Kerokan Menyembuhkan Bermacam Penyakit?


Masyarakat jawa, khususnya Jawa Tengah, mempunyai pengobatan khas yang disebut dengan kerokan atau kerikan. Pengobatan ini dilakukan dengan menekan atau menggesekan benda tumpul berulang-ulang pada kulit hingga timbul kemerahan, dapat menggunakan minyak pelicin atau balsam. Dalam tinjauan medis, perlakuan ini akan menimbulkan jejas mekanik yang mengakibatkan terjadinya reaksi inflamasi buatan. Reaksi ini tidak membahayakan akan tetapi dapat menguntungkan bagi subyek.
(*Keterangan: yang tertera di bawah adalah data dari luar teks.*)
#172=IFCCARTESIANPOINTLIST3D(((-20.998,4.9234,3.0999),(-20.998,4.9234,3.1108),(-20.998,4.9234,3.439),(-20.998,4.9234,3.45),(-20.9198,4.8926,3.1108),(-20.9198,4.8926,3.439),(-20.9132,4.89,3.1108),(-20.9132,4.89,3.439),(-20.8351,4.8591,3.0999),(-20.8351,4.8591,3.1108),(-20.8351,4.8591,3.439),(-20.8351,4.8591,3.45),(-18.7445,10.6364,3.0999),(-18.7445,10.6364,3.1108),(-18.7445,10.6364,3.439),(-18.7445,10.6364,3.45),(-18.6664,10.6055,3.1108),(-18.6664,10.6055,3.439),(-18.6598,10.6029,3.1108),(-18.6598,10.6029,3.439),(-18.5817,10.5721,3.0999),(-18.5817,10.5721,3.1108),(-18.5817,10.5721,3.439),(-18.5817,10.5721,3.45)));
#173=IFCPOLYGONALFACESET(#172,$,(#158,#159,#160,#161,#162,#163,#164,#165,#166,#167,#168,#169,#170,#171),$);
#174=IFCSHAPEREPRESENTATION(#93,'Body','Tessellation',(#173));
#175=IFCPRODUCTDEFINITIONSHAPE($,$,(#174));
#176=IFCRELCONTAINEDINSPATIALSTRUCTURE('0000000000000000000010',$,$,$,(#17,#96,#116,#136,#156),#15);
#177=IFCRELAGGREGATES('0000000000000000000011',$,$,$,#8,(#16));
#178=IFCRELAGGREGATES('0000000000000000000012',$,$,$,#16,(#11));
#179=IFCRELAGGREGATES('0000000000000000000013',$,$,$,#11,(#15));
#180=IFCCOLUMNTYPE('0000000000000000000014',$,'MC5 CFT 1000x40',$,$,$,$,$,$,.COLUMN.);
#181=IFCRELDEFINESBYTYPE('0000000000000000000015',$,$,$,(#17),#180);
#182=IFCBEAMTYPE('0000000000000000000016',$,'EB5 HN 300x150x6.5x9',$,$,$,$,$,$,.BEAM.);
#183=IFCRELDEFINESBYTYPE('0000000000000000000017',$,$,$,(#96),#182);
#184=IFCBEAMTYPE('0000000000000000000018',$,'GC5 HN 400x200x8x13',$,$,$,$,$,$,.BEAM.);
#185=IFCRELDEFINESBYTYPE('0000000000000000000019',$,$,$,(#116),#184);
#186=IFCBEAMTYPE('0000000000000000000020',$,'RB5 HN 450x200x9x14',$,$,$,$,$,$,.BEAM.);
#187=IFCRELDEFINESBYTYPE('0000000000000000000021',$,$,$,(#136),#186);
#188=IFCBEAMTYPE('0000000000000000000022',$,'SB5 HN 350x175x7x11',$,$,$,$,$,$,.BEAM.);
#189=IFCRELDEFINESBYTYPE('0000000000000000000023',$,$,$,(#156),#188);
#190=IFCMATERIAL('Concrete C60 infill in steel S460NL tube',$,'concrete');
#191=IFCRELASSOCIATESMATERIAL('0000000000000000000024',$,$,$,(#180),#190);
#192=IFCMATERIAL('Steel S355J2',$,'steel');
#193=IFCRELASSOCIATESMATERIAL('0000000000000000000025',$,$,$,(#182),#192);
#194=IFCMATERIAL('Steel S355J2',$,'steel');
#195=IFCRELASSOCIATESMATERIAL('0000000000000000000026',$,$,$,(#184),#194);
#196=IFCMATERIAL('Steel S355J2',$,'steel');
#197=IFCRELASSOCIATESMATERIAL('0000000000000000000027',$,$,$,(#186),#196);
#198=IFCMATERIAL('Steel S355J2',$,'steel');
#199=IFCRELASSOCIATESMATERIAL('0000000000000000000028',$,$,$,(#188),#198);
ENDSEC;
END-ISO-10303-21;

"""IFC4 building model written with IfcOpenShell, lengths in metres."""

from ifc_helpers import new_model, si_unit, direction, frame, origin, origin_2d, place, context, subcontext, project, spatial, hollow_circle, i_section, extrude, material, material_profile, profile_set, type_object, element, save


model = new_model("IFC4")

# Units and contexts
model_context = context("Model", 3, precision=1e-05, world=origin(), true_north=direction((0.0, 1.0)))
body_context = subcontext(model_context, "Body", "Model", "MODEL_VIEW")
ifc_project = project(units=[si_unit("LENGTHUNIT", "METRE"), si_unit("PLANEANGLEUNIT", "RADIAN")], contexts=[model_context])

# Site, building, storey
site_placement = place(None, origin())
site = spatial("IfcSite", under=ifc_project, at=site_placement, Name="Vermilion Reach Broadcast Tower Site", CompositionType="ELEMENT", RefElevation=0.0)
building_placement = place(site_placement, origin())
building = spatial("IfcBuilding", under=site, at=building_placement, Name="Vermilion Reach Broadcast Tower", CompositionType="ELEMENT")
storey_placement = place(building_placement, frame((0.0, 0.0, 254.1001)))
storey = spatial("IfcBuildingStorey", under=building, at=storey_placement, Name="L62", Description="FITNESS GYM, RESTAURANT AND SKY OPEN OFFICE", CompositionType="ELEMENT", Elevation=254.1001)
Menurut orang jawa, kerikan atau kerokan memiliki efek yang luar biasa sampai-sampai semua gejala penyakit diobati dengan kerokan. Benarkah demikian? Sampai saat ini kerikan dan prosesnya terhadap tubuh belum diketahui secara pasti. Efeknya pun masih menjadi perdebatan apakah terjadi karena reaksi inflamasi buatan atau hanya efek palsu (placebo) yang muncul akibat stigma yang telah berkembang sejak lama.

Pola Umum Kerokan dan Jejas Mekanik serta Efek Bagi Tubuh

Pola umum kerokan membentuk garis lurus sejajar dengan tulang belakang atau lurus sejajar leher. Pola ini terbentuk akibat penekanan dan peregangan berulang pada kulit. Jejas yang muncul saat orang kerokan akan memanipulasi tubuh untuk mencetuskan reaksi inflamasi yang merupakan mekanisme penting untuk memperbaiki struktur jaringan.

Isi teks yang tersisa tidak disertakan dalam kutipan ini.